Searching for the threshold with less loss

In [41]:
thresholds = np.arange(0.3, 0.6, 0.005)
losses = []

for thresh in thresholds:
    y_pred = custom_threshold(y_pred_prob, thresh)
    loss = evaluate_custom_loss(y, y_pred)
    losses.append((thresh, loss))

# Find the threshold that gives the minimum loss
best_threshold, min_loss = min(losses, key=lambda x: x[1])

print(f"Best Threshold: {best_threshold}")
print(f"Minimum Loss: {min_loss}")


Best Threshold: 0.5950000000000002
Minimum Loss: 53052.0


Using the best threshold based on investigation

In [42]:
threshold = 0.595

y_pred_default = custom_threshold(y_pred_prob, threshold)
default_loss = evaluate_custom_loss(y, y_pred_default)

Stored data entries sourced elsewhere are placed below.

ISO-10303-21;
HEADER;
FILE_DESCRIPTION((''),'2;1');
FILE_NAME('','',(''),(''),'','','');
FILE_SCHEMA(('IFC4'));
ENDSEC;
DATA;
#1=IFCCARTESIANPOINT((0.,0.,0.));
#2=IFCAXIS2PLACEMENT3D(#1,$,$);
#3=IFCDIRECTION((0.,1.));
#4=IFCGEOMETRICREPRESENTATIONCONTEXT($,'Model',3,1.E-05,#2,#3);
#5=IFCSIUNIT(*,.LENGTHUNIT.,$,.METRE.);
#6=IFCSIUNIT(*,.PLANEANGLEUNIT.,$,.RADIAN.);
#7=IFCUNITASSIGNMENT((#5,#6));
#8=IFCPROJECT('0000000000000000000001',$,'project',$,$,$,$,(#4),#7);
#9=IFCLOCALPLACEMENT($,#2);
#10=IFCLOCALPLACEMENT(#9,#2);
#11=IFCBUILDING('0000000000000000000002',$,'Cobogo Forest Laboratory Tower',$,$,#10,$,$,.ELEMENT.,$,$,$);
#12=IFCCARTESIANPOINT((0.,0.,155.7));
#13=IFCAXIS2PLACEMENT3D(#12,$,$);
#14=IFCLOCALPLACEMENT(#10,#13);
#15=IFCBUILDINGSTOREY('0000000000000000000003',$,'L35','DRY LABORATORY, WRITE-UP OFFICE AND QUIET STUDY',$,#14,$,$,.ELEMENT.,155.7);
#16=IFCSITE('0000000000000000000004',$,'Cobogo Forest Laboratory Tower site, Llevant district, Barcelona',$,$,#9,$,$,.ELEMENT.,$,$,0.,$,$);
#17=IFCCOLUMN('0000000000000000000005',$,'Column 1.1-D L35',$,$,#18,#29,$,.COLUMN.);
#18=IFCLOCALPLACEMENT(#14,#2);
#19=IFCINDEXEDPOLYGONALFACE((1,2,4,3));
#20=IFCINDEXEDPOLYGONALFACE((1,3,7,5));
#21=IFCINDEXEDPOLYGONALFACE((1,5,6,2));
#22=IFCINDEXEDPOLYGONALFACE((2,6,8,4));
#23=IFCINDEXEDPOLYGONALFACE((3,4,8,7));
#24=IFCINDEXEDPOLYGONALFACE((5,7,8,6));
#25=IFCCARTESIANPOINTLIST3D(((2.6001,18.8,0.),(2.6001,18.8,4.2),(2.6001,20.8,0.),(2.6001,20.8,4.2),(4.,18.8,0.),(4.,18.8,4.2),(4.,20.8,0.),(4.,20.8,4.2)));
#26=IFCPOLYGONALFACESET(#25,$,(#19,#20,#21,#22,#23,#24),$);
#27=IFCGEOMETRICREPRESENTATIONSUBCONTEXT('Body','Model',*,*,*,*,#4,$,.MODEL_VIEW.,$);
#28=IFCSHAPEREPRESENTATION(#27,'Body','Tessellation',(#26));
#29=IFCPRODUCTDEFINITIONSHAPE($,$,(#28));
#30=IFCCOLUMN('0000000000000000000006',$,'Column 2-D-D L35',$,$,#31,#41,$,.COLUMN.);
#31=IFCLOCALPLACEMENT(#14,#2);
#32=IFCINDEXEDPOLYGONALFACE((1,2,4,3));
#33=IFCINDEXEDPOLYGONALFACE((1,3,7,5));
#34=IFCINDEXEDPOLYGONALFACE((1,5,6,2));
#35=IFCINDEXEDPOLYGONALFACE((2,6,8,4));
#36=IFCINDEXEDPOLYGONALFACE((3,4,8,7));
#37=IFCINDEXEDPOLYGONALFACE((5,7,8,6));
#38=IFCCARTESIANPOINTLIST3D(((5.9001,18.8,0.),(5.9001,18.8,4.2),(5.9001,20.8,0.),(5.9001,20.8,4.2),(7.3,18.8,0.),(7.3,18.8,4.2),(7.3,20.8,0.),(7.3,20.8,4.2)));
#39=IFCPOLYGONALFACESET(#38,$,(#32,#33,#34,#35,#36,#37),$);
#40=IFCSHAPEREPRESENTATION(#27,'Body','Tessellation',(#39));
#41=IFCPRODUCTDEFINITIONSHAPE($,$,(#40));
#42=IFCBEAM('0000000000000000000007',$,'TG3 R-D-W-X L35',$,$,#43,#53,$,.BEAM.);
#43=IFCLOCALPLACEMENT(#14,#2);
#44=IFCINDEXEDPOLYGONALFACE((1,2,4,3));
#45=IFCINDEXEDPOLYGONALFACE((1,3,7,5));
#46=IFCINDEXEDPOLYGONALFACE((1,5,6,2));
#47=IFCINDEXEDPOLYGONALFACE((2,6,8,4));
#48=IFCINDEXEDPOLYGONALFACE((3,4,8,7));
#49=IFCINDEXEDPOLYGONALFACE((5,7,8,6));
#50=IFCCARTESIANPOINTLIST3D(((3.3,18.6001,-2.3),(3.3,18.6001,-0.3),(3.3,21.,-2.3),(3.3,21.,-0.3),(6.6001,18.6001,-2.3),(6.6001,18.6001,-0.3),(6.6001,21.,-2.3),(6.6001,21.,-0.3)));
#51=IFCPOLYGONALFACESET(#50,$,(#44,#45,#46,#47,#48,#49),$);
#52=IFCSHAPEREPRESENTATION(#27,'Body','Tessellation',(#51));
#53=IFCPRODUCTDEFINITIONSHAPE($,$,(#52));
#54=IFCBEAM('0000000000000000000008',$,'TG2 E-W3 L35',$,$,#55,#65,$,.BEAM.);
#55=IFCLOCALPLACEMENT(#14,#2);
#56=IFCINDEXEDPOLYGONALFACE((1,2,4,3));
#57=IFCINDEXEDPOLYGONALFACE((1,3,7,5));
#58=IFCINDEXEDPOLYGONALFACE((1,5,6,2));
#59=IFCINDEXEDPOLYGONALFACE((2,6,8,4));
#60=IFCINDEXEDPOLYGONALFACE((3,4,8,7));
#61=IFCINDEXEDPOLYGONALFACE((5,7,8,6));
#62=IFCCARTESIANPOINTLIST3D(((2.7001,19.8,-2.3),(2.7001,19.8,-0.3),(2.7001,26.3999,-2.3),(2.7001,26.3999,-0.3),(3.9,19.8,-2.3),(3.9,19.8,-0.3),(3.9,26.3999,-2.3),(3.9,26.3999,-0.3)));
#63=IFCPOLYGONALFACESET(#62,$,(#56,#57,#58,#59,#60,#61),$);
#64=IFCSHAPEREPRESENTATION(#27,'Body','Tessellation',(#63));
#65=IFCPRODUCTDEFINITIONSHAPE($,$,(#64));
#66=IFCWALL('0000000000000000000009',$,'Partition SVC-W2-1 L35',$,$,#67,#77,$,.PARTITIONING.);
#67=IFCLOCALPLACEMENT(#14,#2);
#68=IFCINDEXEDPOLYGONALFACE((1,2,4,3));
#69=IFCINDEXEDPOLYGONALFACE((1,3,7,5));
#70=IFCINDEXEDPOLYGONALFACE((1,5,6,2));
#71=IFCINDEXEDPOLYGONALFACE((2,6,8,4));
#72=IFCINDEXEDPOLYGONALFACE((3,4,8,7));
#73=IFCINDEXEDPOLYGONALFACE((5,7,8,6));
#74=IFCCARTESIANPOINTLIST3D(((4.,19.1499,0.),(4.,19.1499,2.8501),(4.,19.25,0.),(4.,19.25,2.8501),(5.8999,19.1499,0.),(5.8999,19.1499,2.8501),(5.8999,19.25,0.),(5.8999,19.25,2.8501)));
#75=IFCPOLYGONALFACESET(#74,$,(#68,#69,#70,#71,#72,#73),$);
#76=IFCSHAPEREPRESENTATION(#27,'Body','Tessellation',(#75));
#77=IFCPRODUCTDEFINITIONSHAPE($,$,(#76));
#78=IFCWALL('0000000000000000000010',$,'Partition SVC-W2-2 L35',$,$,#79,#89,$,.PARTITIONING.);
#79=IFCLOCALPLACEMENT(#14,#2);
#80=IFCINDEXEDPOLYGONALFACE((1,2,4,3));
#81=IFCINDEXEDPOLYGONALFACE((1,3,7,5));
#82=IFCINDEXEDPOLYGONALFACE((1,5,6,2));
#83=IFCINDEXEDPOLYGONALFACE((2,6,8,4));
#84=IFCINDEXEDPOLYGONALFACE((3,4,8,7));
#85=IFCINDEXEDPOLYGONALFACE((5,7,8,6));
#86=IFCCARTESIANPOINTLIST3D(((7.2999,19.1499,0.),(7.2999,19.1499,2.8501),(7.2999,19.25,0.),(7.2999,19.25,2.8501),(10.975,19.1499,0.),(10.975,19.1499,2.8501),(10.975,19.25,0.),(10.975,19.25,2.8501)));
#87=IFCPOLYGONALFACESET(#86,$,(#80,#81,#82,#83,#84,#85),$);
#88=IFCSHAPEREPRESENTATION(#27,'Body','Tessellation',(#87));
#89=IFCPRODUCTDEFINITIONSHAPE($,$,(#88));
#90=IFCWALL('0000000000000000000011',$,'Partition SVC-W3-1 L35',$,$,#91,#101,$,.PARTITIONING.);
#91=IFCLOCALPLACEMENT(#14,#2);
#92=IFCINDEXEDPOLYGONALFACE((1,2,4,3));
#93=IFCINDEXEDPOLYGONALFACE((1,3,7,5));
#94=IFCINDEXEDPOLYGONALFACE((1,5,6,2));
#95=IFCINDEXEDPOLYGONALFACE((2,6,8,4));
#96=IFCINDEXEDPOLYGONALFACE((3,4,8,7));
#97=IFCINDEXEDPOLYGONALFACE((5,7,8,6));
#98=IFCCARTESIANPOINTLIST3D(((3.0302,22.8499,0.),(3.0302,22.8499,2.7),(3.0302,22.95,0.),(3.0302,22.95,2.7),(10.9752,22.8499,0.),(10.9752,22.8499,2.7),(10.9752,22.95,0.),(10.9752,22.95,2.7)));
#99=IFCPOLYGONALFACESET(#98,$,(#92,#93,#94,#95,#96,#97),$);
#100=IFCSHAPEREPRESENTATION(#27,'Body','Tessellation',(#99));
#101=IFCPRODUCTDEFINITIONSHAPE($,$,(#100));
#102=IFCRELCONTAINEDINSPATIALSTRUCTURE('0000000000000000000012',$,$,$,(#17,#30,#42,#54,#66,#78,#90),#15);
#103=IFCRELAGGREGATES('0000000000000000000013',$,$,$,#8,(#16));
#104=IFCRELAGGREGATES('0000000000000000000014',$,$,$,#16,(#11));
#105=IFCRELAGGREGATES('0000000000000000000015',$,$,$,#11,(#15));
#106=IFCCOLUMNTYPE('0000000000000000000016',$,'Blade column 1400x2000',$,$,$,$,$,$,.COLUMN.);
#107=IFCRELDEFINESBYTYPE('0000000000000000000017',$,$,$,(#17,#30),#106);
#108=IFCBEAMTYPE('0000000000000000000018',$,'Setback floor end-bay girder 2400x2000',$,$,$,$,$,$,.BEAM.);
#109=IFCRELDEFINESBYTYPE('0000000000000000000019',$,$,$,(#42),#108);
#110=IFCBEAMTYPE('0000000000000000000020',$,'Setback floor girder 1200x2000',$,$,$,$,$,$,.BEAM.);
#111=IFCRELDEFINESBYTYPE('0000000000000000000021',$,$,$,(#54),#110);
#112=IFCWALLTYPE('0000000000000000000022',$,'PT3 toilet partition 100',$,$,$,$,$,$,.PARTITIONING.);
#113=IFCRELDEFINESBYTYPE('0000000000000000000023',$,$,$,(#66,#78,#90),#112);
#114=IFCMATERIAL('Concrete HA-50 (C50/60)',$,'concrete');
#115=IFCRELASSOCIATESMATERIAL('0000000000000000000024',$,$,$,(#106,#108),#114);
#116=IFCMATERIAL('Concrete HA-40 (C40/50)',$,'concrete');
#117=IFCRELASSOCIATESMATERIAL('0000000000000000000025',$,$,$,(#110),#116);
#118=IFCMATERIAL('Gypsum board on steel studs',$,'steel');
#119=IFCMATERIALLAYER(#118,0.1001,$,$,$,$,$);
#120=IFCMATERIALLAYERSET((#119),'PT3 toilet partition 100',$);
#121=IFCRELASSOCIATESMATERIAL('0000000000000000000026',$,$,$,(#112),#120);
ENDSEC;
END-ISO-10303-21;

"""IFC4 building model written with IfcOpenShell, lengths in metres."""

from ifc_helpers import new_model, si_unit, direction, frame, frame_2d, origin, origin_2d, place, context, subcontext, project, spatial, rectangle, extrude, material, layer, layer_set, material_profile, profile_set, type_object, element, save


model = new_model("IFC4")

# Units and contexts
model_context = context("Model", 3, precision=1e-05, world=origin(), true_north=direction((0.0, 1.0)))
body_context = subcontext(model_context, "Body", "Model", "MODEL_VIEW")
ifc_project = project(units=[si_unit("LENGTHUNIT", "METRE"), si_unit("PLANEANGLEUNIT", "RADIAN")], contexts=[model_context])

# Site, building, storey
site_placement = place(None, origin())
site = spatial("IfcSite", under=ifc_project, at=site_placement, Name="Cobogo Forest Laboratory Tower site, Llevant district, Barcelona", CompositionType="ELEMENT", RefElevation=0.0)
building_placement = place(site_placement, origin())
building = spatial("IfcBuilding", under=site, at=building_placement, Name="Cobogo Forest Laboratory Tower", CompositionType="ELEMENT")
storey_placement = place(building_placement, frame((0.0, 0.0, 155.7)))
storey = spatial("IfcBuildingStorey", under=building, at=storey_placement, Name="L35", Description="DRY LABORATORY, WRITE-UP OFFICE AND QUIET STUDY", CompositionType="ELEMENT", Elevation=155.7)

# Columns
ifc_material_1 = material(Name="Concrete HA-50 (C50/60)", Category="concrete")
ifc_material_profile_1 = material_profile(ifc_material_1, rectangle(XDim=2.0, YDim=1.3999, at=origin_2d()), Name="RC 1400x2000")
ifc_profile_set_1 = profile_set([ifc_material_profile_1], Name="Concrete HA-50 (C50/60)")
column_type = type_object("IfcColumnType", Name="Blade column 1400x2000", PredefinedType="COLUMN", material=ifc_profile_set_1)
for number, where, z_axis, x_axis, name in (
    (1, (3.3, 19.8, 0.0), (0.0, 0.0, 1.0), (0.0, 1.0, 0.0), "Column 1.1-D L35"),
    (2, (6.6001, 19.8, 0.0), (0.0, 0.0, 1.0), (0.0, 1.0, 0.0), "Column 2-D-D L35"),
):
    element("IfcColumn", number, at=place(storey_placement, frame(where, z_axis=z_axis, x_axis=x_axis)), inside=storey, type_object=column_type, Name=name, PredefinedType="COLUMN", context=body_context, shape_type="SweptSolid", body=[
        extrude(rectangle(XDim=2.0, YDim=1.3999, at=origin_2d()), origin(), (0.0, 0.0, 1.0), 4.2),
    ])

# Beams
ifc_material_profile_2 = material_profile(ifc_material_1, rectangle(XDim=2.3999, YDim=2.0, at=origin_2d()), Name="RC 2400x2000")
ifc_profile_set_2 = profile_set([ifc_material_profile_2], Name="Concrete HA-50 (C50/60)")
beam_type_1 = type_object("IfcBeamType", Name="Setback floor end-bay girder 2400x2000", PredefinedType="BEAM", material=ifc_profile_set_2)
beam_1_placement = place(storey_placement, frame((3.3, 19.8, -1.3), z_axis=(1.0, 0.0, 0.0), x_axis=(0.0, 1.0, 0.0)))
element("IfcBeam", 3, at=beam_1_placement, inside=storey, type_object=beam_type_1, Name="TG3 R-D-W-X L35", PredefinedType="BEAM", context=body_context, shape_type="SweptSolid", body=[
    extrude(rectangle(XDim=2.3999, YDim=2.0, at=origin_2d()), origin(), (0.0, 0.0, 1.0), 3.3),
])
ifc_material_2 = material(Name="Concrete HA-40 (C40/50)", Category="concrete")
ifc_material_profile_3 = material_profile(ifc_material_2, rectangle(XDim=1.2, YDim=2.0, at=origin_2d()), Name="RC 1200x2000")
ifc_profile_set_3 = profile_set([ifc_material_profile_3], Name="Concrete HA-40 (C40/50)")
beam_type_2 = type_object("IfcBeamType", Name="Setback floor girder 1200x2000", PredefinedType="BEAM", material=ifc_profile_set_3)
beam_2_placement = place(storey_placement, frame((3.3, 19.8, -1.3), z_axis=(0.0, 1.0, 0.0), x_axis=(-1.0, 0.0, 0.0)))
element("IfcBeam", 4, at=beam_2_placement, inside=storey, type_object=beam_type_2, Name="TG2 E-W3 L35", PredefinedType="BEAM", context=body_context, shape_type="SweptSolid", body=[
    extrude(rectangle(XDim=1.2, YDim=2.0, at=origin_2d()), origin(), (0.0, 0.0, 1.0), 6.5999),
])

# Walls
ifc_material_3 = material(Name="Gypsum board on steel studs", Category="steel")
ifc_layer = layer(ifc_material_3, 0.1001)
ifc_layer_set = layer_set([ifc_layer], Name="PT3 toilet partition 100")
wall_type = type_object("IfcWallType", Name="PT3 toilet partition 100", PredefinedType="PARTITIONING", material=ifc_layer_set)
wall_1_placement = place(storey_placement, frame((4.0, 19.2, 0.0), z_axis=(0.0, 0.0, 1.0), x_axis=(1.0, 0.0, 0.0)))
element("IfcWall", 5, at=wall_1_placement, inside=storey, type_object=wall_type, Name="Partition SVC-W2-1 L35", PredefinedType="PARTITIONING", context=body_context, shape_type="SweptSolid", body=[
    extrude(rectangle(XDim=1.8999, YDim=0.1001, at=frame_2d((0.95, 0.0))), origin(), (0.0, 0.0, 1.0), 2.8501),
])
wall_2_placement = place(storey_placement, frame((7.3, 19.2, 0.0), z_axis=(0.0, 0.0, 1.0), x_axis=(1.0, 0.0, 0.0)))
element("IfcWall", 6, at=wall_2_placement, inside=storey, type_object=wall_type, Name="Partition SVC-W2-2 L35", PredefinedType="PARTITIONING", context=body_context, shape_type="SweptSolid", body=[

print(f"Default Loss: {default_loss}")

Default Loss: 53052.0


## Part 3. Building linear regression model

The business also wants you to do a PoC to see if they can predict `loan_amnt` based on the following features: `emp_length`,`home_ownership`, `annual_inc`.

In [47]:
# Standardizing the 'emp_length' column (to have numeric format)
df_cleaned.loc[:, 'emp_length_clean'] = df_cleaned['emp_length'].replace({
    '10+ years': '10',
    '< 1 year': '0'
}).str.rstrip(' years').astype('float')

# Filtering rows where 'emp_length_clean' is not NaN
df_cleaned_2 = df_cleaned[df_cleaned['emp_length_clean'].notna()]

In [49]:
# Encoding the 'home_ownership' column (to have numeric format)
df_cleaned_2.loc[:, 'home_wonership_encoded'] = le.fit_transform(df_cleaned_2['home_ownership'])

In [50]:
features = ['emp_length_clean', 'annual_inc', 'home_wonership_encoded']
X = df_cleaned_2[features]
y = df_cleaned_2['loan_amnt']

X_train, X_test, y_train, y_test = train_test_split(X, y, test_size=0.3, random_state=42)

linear_model = LinearRegression()
linear_model.fit(X_train, y_train)

y_pred = linear_model.predict(X_test)

Model evaluation

In [51]:
mse = mean_squared_error(y_test, y_pred)
r2 = r2_score(y_test, y_pred)

print(f'Mean Squared Error: {mse}')
print(f'R^2 Score: {r2}')

Mean Squared Error: 88149943.64932868
R^2 Score: 0.02504042640747528


### Summary
MSE of 88,149,943.65: the model has large prediction errors, meaning its predictions for 'loan_amnt' are significantly off from the actual values.

R² of 0.025: the model explains only 2.5% of the variance in loan_amnt, indicating that it is not capturing meaningful relationships between the features and the target variable.

**Next Steps to Improve the Model:**
1. Add More Features: the current features (emp_length, home_ownership, annual_inc) might not be enough to predict loan amounts accurately
2. Feature Engineering: need to explore transforming or combining features to create more meaningful inputs for the model
3. Examine the Data: need to check for any issues with outliers, missing values, or skewed distributions that might be affecting the model’s performance.